Here's an efficient implementation: https://github.com/MinaProtocol/gpu-groth16-prover-3x/blob/master/multiexp/arith.cu#L289. It uses cooperative groups and thread ranks in cuda. For your codebase, it would simply require changing out the 'fixnum' calls to equivalent PTX instructions you implement in 'ptx.cuh'.
noted! thanks Tal. We will improve the double-and-add. Is the Mina code implements the state of the art? btw, feel free to make a PR
cc: @DmytroTym, @mickeyasa
Sure! It's a stripped down version from cuda-fixnum (extended modular arithmetic library) built by Hamish from Polygon Zero. It's an older repository, but it's performant: https://github.com/data61/cuda-fixnum.
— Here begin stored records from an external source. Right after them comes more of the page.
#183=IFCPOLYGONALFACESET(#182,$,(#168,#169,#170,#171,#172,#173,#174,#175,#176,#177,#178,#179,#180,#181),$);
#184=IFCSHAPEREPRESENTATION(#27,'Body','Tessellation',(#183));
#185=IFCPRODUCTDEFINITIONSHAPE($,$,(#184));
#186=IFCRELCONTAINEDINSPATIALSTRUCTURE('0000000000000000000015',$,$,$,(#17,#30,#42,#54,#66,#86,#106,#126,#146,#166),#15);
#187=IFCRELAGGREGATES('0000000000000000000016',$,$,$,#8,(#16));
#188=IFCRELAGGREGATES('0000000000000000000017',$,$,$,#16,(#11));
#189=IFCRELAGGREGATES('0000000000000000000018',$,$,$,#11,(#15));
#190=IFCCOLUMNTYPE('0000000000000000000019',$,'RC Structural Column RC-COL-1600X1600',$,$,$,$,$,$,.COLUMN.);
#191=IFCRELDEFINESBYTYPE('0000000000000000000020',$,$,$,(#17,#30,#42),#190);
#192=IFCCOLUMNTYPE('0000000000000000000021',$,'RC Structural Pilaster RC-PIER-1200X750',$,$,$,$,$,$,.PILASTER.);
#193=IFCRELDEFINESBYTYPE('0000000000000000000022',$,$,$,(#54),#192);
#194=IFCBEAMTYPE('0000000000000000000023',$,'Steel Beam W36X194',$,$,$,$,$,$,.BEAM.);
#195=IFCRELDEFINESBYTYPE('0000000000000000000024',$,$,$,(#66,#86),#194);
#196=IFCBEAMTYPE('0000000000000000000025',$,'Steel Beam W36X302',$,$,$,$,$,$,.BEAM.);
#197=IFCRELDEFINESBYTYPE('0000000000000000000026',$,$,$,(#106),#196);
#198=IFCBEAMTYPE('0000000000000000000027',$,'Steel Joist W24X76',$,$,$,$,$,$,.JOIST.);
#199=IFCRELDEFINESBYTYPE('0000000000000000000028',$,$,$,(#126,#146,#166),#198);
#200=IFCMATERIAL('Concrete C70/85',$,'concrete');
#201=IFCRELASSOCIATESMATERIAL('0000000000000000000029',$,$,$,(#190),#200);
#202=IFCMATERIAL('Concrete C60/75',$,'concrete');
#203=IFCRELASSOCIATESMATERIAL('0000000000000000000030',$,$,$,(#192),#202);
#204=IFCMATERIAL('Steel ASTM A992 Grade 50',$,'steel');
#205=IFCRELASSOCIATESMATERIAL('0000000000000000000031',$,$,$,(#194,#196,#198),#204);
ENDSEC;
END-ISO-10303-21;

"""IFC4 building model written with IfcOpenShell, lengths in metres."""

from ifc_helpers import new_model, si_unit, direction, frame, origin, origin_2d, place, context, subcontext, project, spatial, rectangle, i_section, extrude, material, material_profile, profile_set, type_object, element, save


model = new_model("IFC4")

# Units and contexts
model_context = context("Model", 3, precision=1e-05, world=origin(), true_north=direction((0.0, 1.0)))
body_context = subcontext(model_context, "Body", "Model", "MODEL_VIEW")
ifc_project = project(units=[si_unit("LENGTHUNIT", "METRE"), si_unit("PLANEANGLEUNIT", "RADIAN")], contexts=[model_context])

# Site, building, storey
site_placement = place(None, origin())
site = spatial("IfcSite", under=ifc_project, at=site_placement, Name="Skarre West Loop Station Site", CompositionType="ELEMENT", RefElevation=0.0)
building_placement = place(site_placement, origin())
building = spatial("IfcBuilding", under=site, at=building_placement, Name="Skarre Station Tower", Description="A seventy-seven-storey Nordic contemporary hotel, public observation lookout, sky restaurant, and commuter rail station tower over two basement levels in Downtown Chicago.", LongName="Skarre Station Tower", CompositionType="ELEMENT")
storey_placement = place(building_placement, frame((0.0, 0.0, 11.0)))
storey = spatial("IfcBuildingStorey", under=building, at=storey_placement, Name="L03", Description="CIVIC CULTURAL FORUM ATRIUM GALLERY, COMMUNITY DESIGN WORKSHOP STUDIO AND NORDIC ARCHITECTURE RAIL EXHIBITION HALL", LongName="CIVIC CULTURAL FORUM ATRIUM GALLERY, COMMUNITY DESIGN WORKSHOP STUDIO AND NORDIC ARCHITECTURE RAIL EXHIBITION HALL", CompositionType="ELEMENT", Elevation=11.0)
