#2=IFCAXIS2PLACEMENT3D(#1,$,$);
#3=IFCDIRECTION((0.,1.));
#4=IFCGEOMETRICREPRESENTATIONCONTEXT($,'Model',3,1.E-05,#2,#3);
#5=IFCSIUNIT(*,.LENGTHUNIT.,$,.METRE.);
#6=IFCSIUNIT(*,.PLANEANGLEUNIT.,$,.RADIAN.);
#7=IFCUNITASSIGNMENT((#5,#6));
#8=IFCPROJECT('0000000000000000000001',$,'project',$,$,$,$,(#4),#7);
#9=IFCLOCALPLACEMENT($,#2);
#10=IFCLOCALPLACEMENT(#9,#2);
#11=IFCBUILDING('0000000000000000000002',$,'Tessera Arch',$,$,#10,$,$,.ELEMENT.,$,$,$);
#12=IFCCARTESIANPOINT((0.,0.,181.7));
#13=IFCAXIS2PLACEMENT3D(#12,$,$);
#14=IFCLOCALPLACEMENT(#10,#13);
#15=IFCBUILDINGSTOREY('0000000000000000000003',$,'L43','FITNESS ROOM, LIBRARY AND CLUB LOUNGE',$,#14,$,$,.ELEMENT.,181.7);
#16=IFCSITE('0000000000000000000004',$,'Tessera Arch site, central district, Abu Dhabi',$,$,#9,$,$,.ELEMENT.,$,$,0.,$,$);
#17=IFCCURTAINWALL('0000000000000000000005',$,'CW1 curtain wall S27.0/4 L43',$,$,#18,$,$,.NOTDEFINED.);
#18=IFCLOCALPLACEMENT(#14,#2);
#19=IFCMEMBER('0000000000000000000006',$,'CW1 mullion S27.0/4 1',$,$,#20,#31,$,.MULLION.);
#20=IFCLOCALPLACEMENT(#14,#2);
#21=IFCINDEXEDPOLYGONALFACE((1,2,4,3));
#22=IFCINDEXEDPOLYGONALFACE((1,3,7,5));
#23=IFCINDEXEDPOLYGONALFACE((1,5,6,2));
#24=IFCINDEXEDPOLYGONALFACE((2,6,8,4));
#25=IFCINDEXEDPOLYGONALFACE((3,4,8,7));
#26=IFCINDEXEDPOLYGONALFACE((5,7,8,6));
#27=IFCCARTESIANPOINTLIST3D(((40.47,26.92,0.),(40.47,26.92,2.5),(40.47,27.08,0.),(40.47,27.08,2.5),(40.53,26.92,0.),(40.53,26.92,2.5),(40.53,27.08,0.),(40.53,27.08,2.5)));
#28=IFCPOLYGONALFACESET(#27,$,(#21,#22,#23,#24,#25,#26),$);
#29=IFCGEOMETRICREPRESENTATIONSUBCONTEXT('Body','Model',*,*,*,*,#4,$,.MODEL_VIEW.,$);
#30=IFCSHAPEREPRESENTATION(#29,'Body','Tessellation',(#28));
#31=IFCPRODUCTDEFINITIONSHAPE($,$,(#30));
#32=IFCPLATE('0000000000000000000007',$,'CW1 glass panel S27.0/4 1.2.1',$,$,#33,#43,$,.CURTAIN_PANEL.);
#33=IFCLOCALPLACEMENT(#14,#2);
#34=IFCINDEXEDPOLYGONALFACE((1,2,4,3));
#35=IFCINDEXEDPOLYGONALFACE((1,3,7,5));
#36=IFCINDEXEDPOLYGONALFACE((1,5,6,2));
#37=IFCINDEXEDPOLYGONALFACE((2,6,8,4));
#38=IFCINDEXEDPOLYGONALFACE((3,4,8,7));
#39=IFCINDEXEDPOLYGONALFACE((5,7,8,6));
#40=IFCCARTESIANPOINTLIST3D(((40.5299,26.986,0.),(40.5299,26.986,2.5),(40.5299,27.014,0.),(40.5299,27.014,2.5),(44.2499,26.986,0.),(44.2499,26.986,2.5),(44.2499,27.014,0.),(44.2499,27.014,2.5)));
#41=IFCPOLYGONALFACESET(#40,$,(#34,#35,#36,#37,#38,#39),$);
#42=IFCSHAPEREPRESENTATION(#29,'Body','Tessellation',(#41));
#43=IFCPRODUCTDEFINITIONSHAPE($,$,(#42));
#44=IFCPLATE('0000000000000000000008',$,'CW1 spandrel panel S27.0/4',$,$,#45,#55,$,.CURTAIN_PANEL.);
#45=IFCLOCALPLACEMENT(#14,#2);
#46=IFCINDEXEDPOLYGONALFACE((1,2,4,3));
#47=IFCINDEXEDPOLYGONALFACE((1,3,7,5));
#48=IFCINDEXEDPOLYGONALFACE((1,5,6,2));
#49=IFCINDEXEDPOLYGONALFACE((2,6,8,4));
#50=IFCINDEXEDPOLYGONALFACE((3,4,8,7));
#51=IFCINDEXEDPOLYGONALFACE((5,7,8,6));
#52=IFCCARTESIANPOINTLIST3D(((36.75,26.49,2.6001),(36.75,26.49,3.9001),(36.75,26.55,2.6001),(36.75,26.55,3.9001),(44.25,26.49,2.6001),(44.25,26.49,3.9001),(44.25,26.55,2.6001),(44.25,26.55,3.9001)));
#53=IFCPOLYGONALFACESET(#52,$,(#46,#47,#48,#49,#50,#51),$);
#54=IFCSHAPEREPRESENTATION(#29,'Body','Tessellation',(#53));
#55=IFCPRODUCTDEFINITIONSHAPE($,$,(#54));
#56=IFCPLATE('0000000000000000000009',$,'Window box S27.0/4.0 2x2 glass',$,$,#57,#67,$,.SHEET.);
I feel like two different things are at play here: modular multiplication, which is what Montgomery multiplication does, and single-scalar multiplication, which is what double-and-add does. Admittedly, we have room to improve in both. For modular multiplication, we want to see if our scheme based on Barrett reduction can be competitive with Montgomery CIOS, and if not, we'll switch to CIOS. We only have basic Barrett implemented for now. As for double-and-add, you are also right that it's suboptimal, we're planning on moving to more efficient algorithms in the near future.
To comment on this: we haven't implemented a more-efficient single-scalar multiplication than double-and-add yet, but we don't really have any use-cases for it so it's still low priority.